Computer-aided Drug Discovery (CADD) has been beneficial in inventing and manufacturing pharmaceutical drugs. These drugs have attained the FDA (Food and Drug Administration) approval and entered the consumer market. Throughout recent years, the CADD industry has been improved drastically with the frequent discovery of brand new technologies and methods. CADD is bearing huge potential and promise in the drug discovery industry.
The complex procedure of drug discovery requires an interdisciplinary effort to discover and design commercially viable and effective drugs. The main aim of the drug design process is to invent a chemical compound that can fit to a specific cavity on a protein target both chemically and geometrically.

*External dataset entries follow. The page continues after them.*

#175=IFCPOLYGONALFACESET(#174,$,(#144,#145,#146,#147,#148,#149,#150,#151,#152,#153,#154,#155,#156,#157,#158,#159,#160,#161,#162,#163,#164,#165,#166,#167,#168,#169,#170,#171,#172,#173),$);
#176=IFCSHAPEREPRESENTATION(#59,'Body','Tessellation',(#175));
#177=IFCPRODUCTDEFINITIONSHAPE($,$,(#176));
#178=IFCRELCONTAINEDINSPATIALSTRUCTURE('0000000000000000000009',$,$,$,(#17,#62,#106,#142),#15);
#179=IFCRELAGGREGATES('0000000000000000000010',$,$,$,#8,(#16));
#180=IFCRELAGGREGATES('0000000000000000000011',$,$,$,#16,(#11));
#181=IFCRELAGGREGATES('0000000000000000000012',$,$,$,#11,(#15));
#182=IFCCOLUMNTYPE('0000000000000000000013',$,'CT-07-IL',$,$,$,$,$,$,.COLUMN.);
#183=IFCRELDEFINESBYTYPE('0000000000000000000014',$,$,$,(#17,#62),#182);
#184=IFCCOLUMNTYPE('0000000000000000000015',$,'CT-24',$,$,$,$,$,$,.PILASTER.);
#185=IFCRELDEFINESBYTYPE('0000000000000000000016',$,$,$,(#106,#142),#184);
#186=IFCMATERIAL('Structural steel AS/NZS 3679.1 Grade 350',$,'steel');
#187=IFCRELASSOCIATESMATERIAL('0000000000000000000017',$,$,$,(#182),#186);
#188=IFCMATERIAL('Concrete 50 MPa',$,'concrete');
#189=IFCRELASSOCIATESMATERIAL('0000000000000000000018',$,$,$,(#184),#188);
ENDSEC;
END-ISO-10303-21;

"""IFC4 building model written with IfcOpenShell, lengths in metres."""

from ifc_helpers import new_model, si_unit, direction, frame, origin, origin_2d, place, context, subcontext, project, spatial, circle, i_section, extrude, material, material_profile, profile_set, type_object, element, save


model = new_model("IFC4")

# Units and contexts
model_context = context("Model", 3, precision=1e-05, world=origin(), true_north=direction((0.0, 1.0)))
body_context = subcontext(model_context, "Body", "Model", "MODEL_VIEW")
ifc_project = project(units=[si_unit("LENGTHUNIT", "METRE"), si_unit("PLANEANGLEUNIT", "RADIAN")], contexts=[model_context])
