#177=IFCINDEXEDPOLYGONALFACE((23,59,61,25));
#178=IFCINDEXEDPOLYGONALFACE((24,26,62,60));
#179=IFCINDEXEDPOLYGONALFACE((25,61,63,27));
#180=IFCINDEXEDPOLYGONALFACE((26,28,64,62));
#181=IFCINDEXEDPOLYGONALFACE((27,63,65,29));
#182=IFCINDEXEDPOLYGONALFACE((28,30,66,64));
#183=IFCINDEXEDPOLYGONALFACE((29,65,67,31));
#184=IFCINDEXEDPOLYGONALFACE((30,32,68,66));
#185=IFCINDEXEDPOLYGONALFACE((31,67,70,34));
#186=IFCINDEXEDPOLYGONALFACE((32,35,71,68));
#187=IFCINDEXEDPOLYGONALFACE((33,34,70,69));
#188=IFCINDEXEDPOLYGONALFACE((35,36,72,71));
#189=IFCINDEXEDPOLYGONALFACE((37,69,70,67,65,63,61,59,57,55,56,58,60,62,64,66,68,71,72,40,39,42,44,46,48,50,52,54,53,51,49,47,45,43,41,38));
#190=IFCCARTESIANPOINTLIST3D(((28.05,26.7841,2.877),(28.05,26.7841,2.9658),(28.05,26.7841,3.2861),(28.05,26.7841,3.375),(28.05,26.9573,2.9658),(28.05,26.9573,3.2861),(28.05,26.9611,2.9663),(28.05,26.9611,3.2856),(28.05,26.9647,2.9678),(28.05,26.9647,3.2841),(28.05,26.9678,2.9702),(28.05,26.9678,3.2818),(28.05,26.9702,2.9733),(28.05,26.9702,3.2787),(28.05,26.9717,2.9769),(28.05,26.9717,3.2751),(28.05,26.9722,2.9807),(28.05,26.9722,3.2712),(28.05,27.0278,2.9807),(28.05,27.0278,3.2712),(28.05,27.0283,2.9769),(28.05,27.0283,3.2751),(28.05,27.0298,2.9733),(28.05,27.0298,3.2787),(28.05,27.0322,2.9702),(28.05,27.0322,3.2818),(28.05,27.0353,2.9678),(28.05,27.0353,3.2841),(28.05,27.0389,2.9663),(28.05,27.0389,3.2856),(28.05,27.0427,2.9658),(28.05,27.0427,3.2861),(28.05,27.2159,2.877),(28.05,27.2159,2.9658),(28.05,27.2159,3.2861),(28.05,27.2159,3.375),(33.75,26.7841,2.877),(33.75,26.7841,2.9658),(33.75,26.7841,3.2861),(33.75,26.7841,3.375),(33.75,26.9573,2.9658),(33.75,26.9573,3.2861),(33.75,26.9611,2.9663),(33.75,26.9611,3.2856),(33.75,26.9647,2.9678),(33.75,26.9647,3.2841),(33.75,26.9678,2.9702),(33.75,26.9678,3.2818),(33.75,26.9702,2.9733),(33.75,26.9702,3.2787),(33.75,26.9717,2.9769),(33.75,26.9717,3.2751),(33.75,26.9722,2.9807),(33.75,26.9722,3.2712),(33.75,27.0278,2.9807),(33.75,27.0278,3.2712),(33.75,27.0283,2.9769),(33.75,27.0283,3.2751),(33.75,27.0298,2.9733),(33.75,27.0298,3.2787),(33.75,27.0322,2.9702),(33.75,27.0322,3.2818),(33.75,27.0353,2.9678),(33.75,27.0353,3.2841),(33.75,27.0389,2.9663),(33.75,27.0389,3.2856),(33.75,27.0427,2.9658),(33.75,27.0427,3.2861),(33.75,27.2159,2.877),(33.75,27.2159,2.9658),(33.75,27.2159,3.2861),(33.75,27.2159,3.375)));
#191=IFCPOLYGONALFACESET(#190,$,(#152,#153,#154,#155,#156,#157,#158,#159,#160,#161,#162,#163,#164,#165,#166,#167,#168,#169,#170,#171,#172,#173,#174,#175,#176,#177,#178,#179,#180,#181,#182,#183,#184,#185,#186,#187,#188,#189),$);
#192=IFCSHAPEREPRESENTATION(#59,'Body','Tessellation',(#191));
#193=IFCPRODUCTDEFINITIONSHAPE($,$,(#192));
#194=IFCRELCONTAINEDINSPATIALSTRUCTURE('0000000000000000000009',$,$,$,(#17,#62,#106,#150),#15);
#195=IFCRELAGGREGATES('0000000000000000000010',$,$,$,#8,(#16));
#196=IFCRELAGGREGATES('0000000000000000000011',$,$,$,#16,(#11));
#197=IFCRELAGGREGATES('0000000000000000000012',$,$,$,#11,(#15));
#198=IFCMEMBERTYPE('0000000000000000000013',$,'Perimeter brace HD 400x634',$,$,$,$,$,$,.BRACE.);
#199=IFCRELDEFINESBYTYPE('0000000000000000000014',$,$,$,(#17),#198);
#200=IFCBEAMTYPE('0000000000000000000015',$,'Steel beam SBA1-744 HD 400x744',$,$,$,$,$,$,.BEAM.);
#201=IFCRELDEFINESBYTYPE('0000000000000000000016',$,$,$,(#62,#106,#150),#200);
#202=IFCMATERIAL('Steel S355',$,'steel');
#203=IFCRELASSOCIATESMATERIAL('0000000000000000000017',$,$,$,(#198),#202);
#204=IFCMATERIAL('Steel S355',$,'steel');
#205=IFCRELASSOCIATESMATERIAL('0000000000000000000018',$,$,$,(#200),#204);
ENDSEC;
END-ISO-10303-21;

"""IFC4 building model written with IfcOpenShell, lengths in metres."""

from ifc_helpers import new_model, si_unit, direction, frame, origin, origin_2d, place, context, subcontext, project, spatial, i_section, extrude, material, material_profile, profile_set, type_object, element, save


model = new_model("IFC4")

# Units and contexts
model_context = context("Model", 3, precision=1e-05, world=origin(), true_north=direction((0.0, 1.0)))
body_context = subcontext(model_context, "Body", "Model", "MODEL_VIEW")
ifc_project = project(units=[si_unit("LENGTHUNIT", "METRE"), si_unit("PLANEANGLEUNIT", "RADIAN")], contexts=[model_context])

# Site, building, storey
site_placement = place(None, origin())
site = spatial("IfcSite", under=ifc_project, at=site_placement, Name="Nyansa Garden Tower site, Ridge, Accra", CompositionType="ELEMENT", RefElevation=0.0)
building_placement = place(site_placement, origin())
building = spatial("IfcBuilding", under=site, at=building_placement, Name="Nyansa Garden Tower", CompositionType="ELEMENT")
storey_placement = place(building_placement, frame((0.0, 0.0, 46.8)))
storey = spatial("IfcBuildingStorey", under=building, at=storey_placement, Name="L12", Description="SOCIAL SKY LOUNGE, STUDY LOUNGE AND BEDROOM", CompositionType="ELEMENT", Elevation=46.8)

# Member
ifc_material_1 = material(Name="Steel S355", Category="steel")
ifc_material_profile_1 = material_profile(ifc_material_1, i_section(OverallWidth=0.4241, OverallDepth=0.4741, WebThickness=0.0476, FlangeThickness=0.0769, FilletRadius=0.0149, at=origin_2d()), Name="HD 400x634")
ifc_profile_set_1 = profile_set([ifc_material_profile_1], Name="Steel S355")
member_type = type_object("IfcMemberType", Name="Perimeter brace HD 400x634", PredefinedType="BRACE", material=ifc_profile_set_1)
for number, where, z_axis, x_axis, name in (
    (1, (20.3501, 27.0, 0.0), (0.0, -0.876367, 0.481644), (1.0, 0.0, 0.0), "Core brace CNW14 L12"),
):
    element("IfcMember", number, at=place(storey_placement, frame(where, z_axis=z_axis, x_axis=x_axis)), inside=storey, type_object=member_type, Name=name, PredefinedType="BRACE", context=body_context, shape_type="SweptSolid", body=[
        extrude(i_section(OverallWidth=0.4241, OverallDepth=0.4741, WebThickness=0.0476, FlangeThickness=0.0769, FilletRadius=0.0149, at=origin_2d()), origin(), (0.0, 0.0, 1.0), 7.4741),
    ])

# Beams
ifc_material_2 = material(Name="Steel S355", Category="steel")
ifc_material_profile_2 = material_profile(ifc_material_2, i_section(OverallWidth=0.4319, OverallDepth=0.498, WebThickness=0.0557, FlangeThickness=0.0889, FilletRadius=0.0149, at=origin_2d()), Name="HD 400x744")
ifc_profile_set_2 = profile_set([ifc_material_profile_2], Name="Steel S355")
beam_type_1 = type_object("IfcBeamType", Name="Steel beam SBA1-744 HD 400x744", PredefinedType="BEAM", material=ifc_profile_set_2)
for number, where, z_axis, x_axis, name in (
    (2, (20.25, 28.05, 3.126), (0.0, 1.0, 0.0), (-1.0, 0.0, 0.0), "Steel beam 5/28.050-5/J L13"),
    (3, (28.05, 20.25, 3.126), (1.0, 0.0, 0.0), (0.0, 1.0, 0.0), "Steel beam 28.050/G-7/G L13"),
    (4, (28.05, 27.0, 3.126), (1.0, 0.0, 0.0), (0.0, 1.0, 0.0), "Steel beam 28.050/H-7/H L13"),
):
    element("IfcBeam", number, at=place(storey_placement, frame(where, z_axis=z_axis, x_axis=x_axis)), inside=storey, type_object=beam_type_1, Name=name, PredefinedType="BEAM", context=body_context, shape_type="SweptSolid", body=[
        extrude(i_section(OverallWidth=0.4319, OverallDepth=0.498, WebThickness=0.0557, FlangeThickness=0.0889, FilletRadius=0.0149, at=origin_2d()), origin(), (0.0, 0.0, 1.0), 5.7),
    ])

Drug discovery and designing is a time-consuming process which requires varied resources. Scientists and medical experts are making efforts to apply computational power to the combined biological-cum-chemical space in order to restructure the drug discovery process, development, design, and optimization. CADD, nonetheless, is impacting the discovery process of various antidotes that are being used in the treatment of patients.
Structure-based drug discovery
Amongst the three-dimensional structure of a disease-related drug target, structure-based drug discovery (SBDD) is the most frequently used CADD techniques. In SBDD, the therapeutics are designed based on the data of the target structure.
The two methods in SBDD which are used most frequently are molecular docking approaches and de novo ligand (agonists, antagonists, inhibitors, etc. of a target) design.
Molecular dynamics (MD) simulations are used in SBDD for two main reasons.
- to give insights into how ligands bind with target proteins and
- the pathways of interaction and to account for target flexibility.
This is especially important when drug targets are membrane proteins where membrane permeability is considered to be important for drugs to be useful.
Ligand-based drug design (LBDD)
The Ligand-Based Drug Design (LBDD) is used as the main substitute to SBDD i.e. Structure-based Drug Discovery.
There are cases when the potential drug target structure is unidentified and predicting this structure using methods such as homology modeling or ab initio structure, prediction becomes somewhat stimulating or detrimental. In such cases, ligand-based drug design is used as the alternative procedure.
An important fact is that LBDD procedure of drug designing is depended on the knowledge of small molecules that bind to the target of interest.
Some frequently used LBDD approaches are:
- Pharmacophore modeling,
- molecular similarity approaches and
- QSAR (quantitative structure–activity relationship) modeling.
In the methods of molecular similarity, the molecular fingerprint of known ligands that bind to a target is used to find molecules with similar fingerprints through screening molecular libraries. In the ligand-based pharmacophore modeling, the screening is done with the common structural features of ligands that bind to a target. QSAR is a computational method that prototypes the relationship between structural features of ligands that bind to a target and the corresponding biological activity effect.
There are cases when the three-dimensional structures of most proteins have not been determined earlier, and many of the proteins do not even have a known ligand. These are the situations when neither structure-based methods nor ligand-based methods can be implemented to carry out the drug discovery and development research. Here occurs the need of a method which can predict ligand-protein interactions (LPIs) in the absence of 3D or ligand information.
A sequence-based drug design model for LPI was created recently exclusively on the basis of the primary sequence of proteins and the structural features of small molecules. It was invented using the support vector machine (SVM) approach. This model was trained using 15 000 LPIs between 626 proteins and over 10 000 active compounds collected from the Binding Database. In the validation test of this model, nine original active compounds against four pharmacologically important targets were found using only the sequence of the target. This is the first instance of a successful sequence-based drug design operation.